Something like infographic 2

A Processing sketch of something like donut charts.

The length, position and color of each section change as time proceeds.

Built with Processing and Processing.js

As William Cleveland and many other experts presented, pie chart and its variants (including donut chart) aren't very good options for representing and communicating quantitative information with accuracy.

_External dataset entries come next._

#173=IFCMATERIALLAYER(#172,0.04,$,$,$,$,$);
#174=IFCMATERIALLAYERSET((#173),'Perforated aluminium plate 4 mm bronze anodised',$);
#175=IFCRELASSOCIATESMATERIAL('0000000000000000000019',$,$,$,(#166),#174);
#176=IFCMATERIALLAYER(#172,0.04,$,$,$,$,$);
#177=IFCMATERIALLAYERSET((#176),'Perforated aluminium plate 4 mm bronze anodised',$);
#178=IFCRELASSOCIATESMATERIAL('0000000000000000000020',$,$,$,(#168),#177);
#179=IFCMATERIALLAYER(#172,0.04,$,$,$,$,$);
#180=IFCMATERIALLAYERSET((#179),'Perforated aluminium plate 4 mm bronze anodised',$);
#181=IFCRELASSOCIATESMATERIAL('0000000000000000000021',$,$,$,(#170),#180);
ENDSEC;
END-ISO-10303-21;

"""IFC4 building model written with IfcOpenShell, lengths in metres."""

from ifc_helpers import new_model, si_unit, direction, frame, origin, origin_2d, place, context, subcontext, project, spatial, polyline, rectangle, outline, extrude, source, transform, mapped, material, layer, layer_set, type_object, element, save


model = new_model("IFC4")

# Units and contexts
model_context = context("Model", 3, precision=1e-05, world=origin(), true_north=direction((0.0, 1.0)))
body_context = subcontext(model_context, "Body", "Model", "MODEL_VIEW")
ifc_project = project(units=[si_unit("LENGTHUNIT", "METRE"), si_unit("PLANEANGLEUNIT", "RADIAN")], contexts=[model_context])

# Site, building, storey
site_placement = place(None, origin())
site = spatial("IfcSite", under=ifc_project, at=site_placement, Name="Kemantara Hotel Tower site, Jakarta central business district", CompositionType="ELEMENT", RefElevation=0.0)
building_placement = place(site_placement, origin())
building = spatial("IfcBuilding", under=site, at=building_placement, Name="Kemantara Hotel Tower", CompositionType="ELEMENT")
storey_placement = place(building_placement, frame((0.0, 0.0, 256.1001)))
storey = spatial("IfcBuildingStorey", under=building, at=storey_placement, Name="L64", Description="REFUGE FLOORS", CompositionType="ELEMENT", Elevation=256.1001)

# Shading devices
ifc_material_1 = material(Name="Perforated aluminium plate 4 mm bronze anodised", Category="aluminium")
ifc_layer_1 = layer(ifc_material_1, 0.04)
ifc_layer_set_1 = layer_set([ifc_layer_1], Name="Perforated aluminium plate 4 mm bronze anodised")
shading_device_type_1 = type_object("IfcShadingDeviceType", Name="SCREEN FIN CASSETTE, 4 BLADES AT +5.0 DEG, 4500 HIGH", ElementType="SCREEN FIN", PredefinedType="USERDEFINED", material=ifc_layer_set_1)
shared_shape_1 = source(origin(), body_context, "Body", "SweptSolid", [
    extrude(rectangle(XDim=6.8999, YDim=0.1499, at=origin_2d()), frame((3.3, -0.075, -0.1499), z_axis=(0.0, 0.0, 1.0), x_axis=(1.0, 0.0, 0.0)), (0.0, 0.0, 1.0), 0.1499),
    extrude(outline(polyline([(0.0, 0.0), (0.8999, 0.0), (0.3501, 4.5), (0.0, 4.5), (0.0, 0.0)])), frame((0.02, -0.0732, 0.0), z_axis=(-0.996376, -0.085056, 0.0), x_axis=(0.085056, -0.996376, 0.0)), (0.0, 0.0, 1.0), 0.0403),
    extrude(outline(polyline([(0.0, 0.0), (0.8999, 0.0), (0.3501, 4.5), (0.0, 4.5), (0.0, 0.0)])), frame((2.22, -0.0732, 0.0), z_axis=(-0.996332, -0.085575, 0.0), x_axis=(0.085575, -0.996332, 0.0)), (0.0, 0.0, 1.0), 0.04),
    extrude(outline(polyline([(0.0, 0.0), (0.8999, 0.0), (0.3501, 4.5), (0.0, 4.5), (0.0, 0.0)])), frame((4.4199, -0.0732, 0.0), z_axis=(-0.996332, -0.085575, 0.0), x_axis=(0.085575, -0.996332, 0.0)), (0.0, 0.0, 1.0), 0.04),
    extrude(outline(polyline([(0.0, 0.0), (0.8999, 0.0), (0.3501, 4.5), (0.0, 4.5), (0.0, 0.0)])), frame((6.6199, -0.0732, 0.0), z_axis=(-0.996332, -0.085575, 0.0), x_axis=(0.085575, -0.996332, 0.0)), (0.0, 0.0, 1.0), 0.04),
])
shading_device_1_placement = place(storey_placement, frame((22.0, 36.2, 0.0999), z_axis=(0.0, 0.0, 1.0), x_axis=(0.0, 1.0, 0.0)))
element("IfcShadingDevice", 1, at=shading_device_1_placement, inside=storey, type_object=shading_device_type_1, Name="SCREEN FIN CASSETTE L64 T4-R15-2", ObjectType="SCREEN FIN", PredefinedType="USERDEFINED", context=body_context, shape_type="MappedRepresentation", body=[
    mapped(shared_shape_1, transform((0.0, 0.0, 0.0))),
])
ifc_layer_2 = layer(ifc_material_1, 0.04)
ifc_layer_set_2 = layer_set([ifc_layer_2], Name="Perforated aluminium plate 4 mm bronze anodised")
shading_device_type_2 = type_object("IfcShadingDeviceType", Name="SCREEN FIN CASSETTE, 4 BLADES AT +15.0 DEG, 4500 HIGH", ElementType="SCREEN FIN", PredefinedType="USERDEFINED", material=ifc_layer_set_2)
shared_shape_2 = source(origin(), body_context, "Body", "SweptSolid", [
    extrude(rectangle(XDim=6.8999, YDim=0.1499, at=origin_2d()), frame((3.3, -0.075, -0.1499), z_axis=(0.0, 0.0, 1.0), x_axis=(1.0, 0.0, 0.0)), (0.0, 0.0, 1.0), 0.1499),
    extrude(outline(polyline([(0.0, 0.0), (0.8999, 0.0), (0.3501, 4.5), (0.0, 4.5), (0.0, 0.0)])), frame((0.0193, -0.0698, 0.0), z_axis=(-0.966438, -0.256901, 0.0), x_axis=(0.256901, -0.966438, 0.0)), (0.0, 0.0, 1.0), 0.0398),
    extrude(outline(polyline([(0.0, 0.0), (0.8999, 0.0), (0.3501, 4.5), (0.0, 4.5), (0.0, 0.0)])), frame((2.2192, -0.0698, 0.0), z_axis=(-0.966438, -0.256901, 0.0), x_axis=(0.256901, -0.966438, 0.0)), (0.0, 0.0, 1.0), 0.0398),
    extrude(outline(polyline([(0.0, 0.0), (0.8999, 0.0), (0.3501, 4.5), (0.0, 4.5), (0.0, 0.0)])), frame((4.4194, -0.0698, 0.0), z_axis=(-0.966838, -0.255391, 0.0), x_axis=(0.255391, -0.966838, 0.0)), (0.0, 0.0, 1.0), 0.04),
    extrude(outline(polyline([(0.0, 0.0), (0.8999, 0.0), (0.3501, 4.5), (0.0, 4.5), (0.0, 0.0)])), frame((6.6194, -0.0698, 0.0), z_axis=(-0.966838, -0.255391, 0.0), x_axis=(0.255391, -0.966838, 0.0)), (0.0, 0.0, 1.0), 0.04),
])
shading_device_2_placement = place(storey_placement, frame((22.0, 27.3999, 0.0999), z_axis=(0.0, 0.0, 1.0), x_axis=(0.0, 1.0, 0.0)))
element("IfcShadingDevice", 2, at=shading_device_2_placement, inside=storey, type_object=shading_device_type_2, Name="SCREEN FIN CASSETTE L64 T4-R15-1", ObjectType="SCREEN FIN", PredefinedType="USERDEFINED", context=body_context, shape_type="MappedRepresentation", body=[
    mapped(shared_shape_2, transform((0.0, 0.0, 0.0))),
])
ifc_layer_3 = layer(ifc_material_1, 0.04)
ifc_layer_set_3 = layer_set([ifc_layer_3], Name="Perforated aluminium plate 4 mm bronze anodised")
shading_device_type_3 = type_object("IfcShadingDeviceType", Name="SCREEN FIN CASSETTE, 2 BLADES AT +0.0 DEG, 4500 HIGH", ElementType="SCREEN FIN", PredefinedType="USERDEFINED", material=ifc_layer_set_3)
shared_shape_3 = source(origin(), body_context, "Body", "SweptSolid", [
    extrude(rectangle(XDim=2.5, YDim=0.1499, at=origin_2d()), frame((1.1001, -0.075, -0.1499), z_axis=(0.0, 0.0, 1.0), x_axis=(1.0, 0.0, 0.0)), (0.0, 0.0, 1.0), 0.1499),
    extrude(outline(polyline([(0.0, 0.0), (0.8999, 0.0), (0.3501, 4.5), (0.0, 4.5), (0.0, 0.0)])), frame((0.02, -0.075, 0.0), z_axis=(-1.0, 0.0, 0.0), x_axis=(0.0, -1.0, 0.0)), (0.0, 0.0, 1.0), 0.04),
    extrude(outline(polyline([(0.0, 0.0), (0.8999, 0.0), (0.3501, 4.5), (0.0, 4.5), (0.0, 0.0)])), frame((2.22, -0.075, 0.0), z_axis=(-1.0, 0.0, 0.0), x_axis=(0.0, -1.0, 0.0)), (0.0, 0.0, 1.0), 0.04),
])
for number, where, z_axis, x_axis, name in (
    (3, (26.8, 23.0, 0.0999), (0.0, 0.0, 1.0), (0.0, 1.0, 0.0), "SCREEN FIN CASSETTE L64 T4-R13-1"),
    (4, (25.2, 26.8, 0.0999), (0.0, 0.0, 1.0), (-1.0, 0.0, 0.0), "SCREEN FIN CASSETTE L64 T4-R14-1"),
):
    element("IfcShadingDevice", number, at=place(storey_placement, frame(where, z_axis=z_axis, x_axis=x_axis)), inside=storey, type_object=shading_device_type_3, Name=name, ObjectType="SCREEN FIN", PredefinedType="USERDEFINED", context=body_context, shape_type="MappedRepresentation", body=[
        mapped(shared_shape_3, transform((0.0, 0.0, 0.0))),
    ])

But still, I think I have to admit that they are somehow attractive.

Source code: 
// Processing 3.2.1

ArrayList<Donut> donuts = new ArrayList<Donut>();

void setup() {
  size(320, 240, P2D);
  background(255f);

  donuts.add(new Donut(0f, 0f, 50f, 10, 40f, false));
  donuts.add(new Donut(0f, 0f, 75f, 10, -5f, true));
  donuts.add(new Donut(0f, 0f, 100f, 10, 65f, false));
}

void draw() {
  translate(width / 2, height / 2);
  colorMode(HSB, 100f);
  background(0f, 0f, 100f);
  
  float tmpAngle = radians(frameCount);
  
  for(Donut currentDonut : donuts) {
    currentDonut.reflect(100f * cos(tmpAngle), 100f * sin(tmpAngle));
    currentDonut.update();
    currentDonut.draw();
  }
}

class Donut {
  ArrayList<DonutSection> sections = new ArrayList<DonutSection>();
  
  final float positionX;
  final float positionY;

  final float radius;
  
  final float marginAngle;
  float offsetAngle;
  final boolean reverseFlag;
  
  Donut(float posX, float posY, float r, int sectionNum, float huePrm, boolean revFlag) {
    positionX = posX;
    positionY = posY;
    radius = r;
    
    marginAngle = -radians(1);
    reverseFlag = revFlag;
    
    for(int i = 0; i < sectionNum; i++) {
      sections.add(new DonutSection(huePrm));
    }
  }
  
  void draw() {
    noFill();
    strokeCap(SQUARE);
    strokeWeight(15f);
    ellipseMode(RADIUS);

    for(DonutSection currentSection : sections) {
      offsetAngle += marginAngle / 2;

      float arcAngle = currentSection.getArcAngle(getTotalQuantity());
      stroke(currentSection.getColor());
      arc(positionX, positionY, radius, radius, offsetAngle, offsetAngle + arcAngle - marginAngle);

      offsetAngle += arcAngle;
      offsetAngle -= marginAngle / 2;
    }
  }
  
  float getTotalQuantity() {
    float totalQuantity = 0f;
    for(DonutSection currentSection : sections) {
      totalQuantity += currentSection.getQuantity();
    }
    return totalQuantity;
  }
  
  void reflect(float x, float y) {
    if (reverseFlag) {
      float tmp = x;
      x = y;
      y = tmp;
    }
    for(DonutSection currentSection : sections) {
      currentSection.reflect(x, y);
    }
    offsetAngle = atan2(y - positionY, x - positionX);
  }
  
  void update() {
    for(DonutSection currentSection : sections) {
      currentSection.update();
    }
  }
}

class DonutSection {
  static final float NOISE_SCALE = 0.005f;
  float quantity;

  float hueParameter;
  final float saturationParameter;
  final float brightnessParameter;
  
  float seed;
  
  DonutSection(float huePrm) {
    setHue(random(huePrm - 5f, huePrm + 5f));

    switch(int(random(10f))) {
      case 0:
      case 1:
      case 2:
        saturationParameter = 0f;
        brightnessParameter = 100f;
        break;
      case 3:
        addHue(50f);
      default:
        saturationParameter = 70f;
        brightnessParameter = 90f;
        break;
    }

    seed = random(0f, 100f);
}

  color getColor() {
    colorMode(HSB, 100f);
    return color(hueParameter, saturationParameter, brightnessParameter);
  }
  
  float getQuantity() {
    return quantity;
  }
  
  float getArcAngle(float totalQuantity) {
    return TWO_PI * quantity / totalQuantity;
  }
  
  void setHue(float huePrm) {
    hueParameter = (huePrm % 100 + 100) % 100;
  }
  
  void addHue(float hueDistance) {
    setHue(hueParameter + hueDistance);
  }
  
  void reflect(float x, float y) {
    quantity = noise(seed + x * NOISE_SCALE, y * NOISE_SCALE);
    quantity = pow(quantity, 3);
  }
  
  void update() {
    addHue(0.05f);
  }
}